Hypotheses can come from different places based on what you’re studying and the kind of research. Here are some common sources from which hypotheses may originate:

  • Existing Theories: Often, guesses come from well-known science ideas. These ideas may show connections between things or occurrences that scientists can look into more.
  • Observation and Experience: Watching something happen or having personal experiences can lead to guesses. We notice odd things or repeat events in everyday life and experiments. This can make us think of guesses called hypotheses.
  • Previous Research: Using old studies or discoveries can help come up with new ideas. Scientists might try to expand or question current findings, making guesses that further study old results.
  • Literature Review: Looking at books and research in a subject can help make guesses. Noticing missing parts or mismatches in previous studies might make researchers think up guesses to deal with these spots.
  • Problem Statement or Research Question: Often, ideas come from questions or problems in the study. Making clear what needs to be looked into can help create ideas that tackle certain parts of the issue.
  • Analogies or Comparisons: Making comparisons between similar things or finding connections from related areas can lead to theories. Understanding from other fields could create new guesses in a different situation.
  • Hunches and Speculation: Sometimes, scientists might get a gut feeling or make guesses that help create ideas to test. Though these may not have proof at first, they can be a beginning for looking deeper.
  • Technology and Innovations: New technology or tools might make guesses by letting us look at things that were hard to study before.
  • Personal Interest and Curiosity: People’s curiosity and personal interests in a topic can help create guesses. Scientists could make guesses based on their own likes or love for a subject.

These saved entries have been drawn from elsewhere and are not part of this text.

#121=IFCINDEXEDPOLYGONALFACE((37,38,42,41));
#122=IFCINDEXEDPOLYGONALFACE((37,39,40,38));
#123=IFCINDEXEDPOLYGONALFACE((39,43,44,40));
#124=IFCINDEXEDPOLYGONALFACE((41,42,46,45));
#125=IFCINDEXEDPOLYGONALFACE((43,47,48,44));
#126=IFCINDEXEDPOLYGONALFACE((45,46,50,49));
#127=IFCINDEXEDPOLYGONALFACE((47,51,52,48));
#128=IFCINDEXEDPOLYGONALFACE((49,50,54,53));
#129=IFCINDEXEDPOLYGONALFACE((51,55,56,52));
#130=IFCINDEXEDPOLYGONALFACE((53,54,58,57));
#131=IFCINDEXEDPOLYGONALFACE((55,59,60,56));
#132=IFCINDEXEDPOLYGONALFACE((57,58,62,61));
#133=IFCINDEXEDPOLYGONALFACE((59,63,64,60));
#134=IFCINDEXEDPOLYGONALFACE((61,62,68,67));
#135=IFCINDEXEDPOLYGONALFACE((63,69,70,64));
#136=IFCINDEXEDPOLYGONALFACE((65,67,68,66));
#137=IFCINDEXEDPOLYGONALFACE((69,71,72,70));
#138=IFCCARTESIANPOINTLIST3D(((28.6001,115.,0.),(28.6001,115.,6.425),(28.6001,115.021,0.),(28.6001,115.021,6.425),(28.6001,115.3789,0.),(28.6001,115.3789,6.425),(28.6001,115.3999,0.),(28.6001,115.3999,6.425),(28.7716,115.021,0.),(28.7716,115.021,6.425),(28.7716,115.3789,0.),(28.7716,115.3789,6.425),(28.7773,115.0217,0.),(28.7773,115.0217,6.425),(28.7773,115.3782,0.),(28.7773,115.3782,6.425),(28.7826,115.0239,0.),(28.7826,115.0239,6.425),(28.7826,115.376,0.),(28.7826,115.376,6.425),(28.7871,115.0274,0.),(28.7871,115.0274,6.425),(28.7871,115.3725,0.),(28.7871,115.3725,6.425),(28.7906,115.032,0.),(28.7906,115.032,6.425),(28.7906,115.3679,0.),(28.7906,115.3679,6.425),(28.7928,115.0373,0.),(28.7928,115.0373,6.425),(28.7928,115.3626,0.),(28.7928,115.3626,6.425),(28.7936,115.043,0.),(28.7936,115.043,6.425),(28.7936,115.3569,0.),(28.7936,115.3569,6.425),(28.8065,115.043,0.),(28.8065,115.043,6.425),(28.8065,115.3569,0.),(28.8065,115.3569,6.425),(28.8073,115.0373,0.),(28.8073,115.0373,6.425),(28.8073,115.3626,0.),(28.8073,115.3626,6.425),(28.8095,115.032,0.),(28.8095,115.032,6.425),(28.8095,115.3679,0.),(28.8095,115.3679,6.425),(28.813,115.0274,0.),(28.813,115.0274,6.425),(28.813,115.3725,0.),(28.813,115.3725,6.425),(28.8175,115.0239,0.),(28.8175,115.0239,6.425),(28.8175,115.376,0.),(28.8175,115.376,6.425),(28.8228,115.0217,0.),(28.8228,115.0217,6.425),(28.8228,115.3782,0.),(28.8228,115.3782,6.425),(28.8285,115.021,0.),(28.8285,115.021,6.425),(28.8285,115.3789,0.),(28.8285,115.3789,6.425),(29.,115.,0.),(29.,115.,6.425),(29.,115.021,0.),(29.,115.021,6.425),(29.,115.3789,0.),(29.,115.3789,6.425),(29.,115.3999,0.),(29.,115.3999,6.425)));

Here are some common types of hypotheses:

Simple Hypothesis

Complex hypothesis, directional hypothesis.

  • Non-directional Hypothesis

Null Hypothesis (H0)

Alternative hypothesis (h1 or ha), statistical hypothesis, research hypothesis, associative hypothesis, causal hypothesis.

Simple Hypothesis guesses a connection between two things. It says that there is a connection or difference between variables, but it doesn’t tell us which way the relationship goes. Example: Studying more can help you do better on tests. Getting more sun makes people have higher amounts of vitamin D.
Complex Hypothesis tells us what will happen when more than two things are connected. It looks at how different things interact and may be linked together. Example: How rich you are, how easy it is to get education and healthcare greatly affects the number of years people live. A new medicine’s success relies on the amount used, how old a person is who takes it and their genes.
Directional Hypothesis says how one thing is related to another. For example, it guesses that one thing will help or hurt another thing. Example: Drinking more sweet drinks is linked to a higher body weight score. Too much stress makes people less productive at work.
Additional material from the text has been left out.